Yesterday (6th April) the UK Government announced a new ‘British Energy Security Strategy’.  The shape of the strategy isn’t a surprise with many of the elements being trailed in recent weeks.  Put simply the strategy is a disaster.  It’s a recipe for failing to meet UK greenhouse gas emission targets and ignores the recommendations of the IPCC report that was published earlier in the week (4th April).

This post is a first response, and we will share more detailed analysis in the weeks to come.  

The government’s press release notes that the strategy involves an ‘ambitious, quicker expansion of nuclear, wind, solar, hydrogen, oil and gas, including delivering the equivalent to one nuclear reactor a year instead of one a decade.’  

Note the ‘expansion of oil and gas’.  The aim will be to accelerate the approval of new oil and gas fields in the North Sea and west of Shetland.  Essentially, it’s a doubling down on the oil industries so called ‘North Sea Transition Deal’.  The aim of the deal is to make the North Sea a ‘net-zero’ oil and gas basin by 2050 – but this can only happen if carbon capture and storage can be developed and introduced at large scale, which is as yet uncertain.  

Hydrogen is part of the oil industry strategy – the aim of the transition deal is for hydrogen to replace North Sea gas in domestic and commercial heating systems – these currently account for more than 20% of UK greenhouse gas emissions.  The strategy talks about hydrogen supplying around 10% of energy needs.  What it doesn’t say is that producing hydrogen by splitting methane or water is an enormously inefficient process and so a very significant proportion of all the new electricity produced from nuclear, wind, solar and oil and gas will be needed to produce the hydrogen!

After a period of equivocating on nuclear power it’s now back at the centre of the strategy.   No figures are given, but if we extrapolate from the cost of the current Hinkley C project the proposed developments will cost around £150 billion.  The government refers to nuclear as clean and safe.  It is neither.  This blog has looked at the arguments about nuclear elsewhere.  It’s a hugely expensive form of energy, high risk with long construction times and a history of cost overruns and serious and unresolved problems with radioactive waste.   
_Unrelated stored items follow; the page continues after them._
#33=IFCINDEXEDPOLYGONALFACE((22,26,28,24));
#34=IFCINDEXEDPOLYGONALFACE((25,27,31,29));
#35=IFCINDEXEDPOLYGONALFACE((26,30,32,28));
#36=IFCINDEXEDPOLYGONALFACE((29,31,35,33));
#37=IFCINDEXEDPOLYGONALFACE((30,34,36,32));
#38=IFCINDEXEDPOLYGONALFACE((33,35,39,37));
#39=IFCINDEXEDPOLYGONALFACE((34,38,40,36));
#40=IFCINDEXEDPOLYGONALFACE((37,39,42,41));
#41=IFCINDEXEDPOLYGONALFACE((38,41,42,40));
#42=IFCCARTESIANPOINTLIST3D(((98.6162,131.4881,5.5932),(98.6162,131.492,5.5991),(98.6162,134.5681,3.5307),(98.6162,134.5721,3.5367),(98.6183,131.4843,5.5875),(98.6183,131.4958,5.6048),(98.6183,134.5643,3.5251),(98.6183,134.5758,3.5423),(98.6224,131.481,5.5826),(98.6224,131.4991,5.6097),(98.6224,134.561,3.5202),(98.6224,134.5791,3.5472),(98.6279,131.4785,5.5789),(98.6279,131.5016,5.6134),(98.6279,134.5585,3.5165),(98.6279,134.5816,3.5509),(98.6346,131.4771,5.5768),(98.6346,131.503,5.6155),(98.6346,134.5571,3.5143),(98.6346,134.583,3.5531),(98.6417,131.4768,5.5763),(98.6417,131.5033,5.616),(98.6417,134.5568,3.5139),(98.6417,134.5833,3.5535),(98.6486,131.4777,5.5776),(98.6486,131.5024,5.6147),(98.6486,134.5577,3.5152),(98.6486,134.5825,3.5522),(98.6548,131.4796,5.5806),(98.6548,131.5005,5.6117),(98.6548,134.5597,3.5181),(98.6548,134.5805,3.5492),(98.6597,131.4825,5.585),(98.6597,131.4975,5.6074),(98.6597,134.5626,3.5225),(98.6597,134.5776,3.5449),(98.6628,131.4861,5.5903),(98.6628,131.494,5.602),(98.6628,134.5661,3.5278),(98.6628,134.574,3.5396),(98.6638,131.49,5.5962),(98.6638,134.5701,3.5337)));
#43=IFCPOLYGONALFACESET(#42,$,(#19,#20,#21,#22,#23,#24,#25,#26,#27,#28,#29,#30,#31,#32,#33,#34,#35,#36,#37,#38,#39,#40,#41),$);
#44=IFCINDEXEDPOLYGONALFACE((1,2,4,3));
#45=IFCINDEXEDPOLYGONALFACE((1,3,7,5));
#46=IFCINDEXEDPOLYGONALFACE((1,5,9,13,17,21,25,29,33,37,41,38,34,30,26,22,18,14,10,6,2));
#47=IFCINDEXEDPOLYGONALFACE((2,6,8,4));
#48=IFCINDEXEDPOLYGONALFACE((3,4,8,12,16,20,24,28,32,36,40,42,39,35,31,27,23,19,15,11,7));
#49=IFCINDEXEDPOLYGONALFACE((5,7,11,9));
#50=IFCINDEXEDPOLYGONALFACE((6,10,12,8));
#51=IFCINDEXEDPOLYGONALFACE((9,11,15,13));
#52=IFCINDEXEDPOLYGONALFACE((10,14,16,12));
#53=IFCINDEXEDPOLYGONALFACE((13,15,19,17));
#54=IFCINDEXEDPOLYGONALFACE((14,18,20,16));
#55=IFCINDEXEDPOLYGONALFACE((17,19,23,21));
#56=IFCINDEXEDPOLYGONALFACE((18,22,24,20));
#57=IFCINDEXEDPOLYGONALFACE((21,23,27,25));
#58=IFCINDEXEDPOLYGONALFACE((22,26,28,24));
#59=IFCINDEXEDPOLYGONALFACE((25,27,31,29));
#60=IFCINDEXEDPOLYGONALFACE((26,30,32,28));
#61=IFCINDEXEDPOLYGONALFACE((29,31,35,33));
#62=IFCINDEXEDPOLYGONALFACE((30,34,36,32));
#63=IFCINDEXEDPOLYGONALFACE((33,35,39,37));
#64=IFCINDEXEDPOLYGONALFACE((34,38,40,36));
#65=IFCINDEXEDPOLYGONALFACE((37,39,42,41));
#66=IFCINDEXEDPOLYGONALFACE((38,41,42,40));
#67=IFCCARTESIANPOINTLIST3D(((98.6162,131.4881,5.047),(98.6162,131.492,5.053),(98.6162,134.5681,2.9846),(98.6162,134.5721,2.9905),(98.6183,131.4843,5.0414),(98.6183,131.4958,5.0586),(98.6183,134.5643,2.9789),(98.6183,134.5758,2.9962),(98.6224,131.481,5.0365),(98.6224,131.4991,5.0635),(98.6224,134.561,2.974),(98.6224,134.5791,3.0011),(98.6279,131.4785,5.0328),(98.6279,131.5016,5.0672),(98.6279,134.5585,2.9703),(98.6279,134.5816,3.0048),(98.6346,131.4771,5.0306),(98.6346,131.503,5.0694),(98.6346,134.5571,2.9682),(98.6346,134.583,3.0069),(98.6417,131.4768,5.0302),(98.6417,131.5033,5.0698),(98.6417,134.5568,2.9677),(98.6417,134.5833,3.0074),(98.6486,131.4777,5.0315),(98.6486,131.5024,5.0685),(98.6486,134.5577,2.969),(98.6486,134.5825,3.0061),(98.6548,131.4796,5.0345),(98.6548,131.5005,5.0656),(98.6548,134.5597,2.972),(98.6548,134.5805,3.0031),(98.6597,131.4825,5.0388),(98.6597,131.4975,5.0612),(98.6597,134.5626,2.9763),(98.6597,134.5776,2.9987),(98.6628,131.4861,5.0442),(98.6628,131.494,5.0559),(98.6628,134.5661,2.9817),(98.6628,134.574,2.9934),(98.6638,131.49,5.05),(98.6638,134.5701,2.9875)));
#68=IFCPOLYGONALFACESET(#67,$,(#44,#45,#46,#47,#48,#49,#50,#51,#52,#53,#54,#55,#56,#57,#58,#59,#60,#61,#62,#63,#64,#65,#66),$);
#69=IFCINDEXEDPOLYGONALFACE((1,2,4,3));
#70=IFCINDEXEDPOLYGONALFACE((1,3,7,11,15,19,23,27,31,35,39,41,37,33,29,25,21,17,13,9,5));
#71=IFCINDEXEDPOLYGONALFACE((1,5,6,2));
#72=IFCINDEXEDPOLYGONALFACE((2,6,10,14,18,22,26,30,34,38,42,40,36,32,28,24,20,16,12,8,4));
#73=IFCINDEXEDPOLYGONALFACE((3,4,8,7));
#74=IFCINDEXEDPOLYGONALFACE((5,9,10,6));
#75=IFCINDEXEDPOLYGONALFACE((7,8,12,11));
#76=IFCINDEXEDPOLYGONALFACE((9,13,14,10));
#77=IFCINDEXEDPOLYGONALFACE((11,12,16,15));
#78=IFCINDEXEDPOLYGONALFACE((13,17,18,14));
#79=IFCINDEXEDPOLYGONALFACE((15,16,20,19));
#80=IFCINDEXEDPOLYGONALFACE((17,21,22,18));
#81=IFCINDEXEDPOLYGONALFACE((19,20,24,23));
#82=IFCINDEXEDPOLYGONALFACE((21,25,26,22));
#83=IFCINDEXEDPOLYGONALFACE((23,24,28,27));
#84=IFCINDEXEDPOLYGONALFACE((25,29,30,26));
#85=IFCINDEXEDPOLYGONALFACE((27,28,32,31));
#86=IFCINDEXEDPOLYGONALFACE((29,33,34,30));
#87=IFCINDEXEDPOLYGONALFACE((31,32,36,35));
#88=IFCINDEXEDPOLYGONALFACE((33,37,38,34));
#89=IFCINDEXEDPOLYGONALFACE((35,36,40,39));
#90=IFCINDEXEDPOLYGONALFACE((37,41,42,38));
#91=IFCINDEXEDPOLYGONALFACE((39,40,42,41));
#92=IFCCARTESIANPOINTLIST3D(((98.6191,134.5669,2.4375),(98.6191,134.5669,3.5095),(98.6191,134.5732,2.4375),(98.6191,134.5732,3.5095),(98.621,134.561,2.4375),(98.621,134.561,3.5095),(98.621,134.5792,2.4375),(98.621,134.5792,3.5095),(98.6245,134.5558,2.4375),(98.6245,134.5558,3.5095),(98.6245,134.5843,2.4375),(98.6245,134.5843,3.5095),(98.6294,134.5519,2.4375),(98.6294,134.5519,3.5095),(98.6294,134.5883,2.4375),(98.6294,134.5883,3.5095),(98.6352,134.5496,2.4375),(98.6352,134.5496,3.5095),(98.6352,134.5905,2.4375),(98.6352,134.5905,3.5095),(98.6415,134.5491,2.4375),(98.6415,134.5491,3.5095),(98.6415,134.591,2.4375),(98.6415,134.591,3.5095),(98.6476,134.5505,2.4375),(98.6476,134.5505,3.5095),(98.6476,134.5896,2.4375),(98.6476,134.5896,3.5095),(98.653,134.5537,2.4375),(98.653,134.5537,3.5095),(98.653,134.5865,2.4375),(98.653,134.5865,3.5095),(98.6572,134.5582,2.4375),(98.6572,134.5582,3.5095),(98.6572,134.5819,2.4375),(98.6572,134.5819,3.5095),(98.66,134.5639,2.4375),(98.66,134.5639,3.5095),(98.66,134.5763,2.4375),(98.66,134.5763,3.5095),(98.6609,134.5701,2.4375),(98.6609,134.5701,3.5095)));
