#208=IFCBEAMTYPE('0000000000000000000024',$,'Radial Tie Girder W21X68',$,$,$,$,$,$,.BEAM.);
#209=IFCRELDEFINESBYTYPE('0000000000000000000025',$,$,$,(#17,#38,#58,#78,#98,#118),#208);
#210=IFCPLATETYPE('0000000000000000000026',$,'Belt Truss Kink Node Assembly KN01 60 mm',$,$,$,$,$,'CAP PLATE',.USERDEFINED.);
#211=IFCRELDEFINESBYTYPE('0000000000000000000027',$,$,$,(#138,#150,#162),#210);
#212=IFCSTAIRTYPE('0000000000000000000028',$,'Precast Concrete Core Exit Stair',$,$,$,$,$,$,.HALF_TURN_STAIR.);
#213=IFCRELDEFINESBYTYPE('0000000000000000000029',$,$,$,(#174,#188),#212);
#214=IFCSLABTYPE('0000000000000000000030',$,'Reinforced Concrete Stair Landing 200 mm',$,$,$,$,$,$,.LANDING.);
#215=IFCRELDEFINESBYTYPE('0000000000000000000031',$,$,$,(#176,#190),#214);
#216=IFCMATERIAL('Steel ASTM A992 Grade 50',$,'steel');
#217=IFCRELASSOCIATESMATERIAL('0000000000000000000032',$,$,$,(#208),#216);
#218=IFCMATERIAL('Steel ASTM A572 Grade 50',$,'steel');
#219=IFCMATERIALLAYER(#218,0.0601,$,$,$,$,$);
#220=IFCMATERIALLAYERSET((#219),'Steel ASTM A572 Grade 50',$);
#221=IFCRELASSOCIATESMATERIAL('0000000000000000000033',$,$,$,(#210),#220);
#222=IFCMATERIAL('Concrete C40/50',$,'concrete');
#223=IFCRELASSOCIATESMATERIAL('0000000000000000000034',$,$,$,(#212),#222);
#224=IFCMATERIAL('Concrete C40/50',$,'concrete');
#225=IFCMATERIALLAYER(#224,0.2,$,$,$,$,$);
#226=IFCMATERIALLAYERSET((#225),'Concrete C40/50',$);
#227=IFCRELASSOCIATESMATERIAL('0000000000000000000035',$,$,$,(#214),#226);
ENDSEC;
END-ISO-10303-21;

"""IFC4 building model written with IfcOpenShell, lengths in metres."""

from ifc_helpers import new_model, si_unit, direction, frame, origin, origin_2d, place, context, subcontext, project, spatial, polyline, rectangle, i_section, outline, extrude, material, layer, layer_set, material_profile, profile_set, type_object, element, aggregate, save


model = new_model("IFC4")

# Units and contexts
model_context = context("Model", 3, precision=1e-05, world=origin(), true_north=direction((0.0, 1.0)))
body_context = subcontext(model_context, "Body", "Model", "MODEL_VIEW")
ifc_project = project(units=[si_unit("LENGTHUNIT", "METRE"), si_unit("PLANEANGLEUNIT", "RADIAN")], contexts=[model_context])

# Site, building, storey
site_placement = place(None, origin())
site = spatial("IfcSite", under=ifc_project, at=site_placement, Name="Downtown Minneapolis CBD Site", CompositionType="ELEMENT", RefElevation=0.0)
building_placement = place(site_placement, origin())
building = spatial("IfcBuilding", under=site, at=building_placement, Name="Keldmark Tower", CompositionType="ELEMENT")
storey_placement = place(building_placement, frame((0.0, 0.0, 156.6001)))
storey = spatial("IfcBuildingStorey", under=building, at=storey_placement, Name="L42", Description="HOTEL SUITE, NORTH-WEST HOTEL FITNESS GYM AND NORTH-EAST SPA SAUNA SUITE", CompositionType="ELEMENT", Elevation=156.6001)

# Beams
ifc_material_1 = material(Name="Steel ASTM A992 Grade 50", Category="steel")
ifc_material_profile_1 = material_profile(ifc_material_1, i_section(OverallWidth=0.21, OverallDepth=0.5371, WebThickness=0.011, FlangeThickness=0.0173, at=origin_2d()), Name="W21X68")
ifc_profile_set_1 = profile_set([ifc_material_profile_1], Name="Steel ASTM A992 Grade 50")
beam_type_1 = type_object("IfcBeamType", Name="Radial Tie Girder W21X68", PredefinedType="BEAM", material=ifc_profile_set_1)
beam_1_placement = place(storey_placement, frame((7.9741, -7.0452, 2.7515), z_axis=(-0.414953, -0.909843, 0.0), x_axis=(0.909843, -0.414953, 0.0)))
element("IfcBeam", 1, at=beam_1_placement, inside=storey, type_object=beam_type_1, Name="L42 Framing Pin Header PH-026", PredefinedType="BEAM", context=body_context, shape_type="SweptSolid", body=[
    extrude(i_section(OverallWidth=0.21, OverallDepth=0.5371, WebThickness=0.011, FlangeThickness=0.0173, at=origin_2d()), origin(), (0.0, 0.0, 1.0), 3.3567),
The new strategy says nothing about reducing energy demand through insulating new buildings and retrofitting existing housing stock.  Retrofitting the majority of UK housing is estimated to cost around £160 billion – this is roughly what the new nuclear programme will cost.  So, it seems like their plan is to construct large scale nuclear plants whose output will then provide the energy that is lost through the walls and roofs of homes, office and factories.

The supposed rationale for the new strategy is energy security.  Currently working people are paying the price for the super profits being earned by the oil and gas sector.  Led by that sector the strategy opts for a future of high energy prices – continuing oil and gas and new nuclear.  Renewable costs continue to decrease, nuclear energy costs continue to rise.  Currently renewable electricity is 6 times cheaper than gas and the gap is even bigger between the cost of renewables and the cost of nuclear.   

Wind turbines near Carberry – image Pete Cannell CC0

It will be interesting to hear the response from the Scottish Government.  Until now Holyrood has been firmly signed up the North Sea Transition Deal and the oil industry agenda, but it has had a firm position of no new nuclear.  Similarly, it is now crunch time for the trade unions who have advocated just transition while endorsing the Transition Deal Strategy.  The argument at root has been over jobs.  It has been the case for a long time now that large-scale investment in renewables creates far more jobs than the same investment in nuclear.  Yesterday’s strategy announcement means in effect no transition and no justice.  There is an ever more urgent need for the workers movement and the climate movement to work together in opposition to the new strategy (really just the old strategy with more investment in false solutions).  Less than 24 hours after its release the strategy has been widely criticised but we will need to do more than oppose this latest attempt at preserving an unacceptable status quo and reject the North Sea transition deal in its entirety.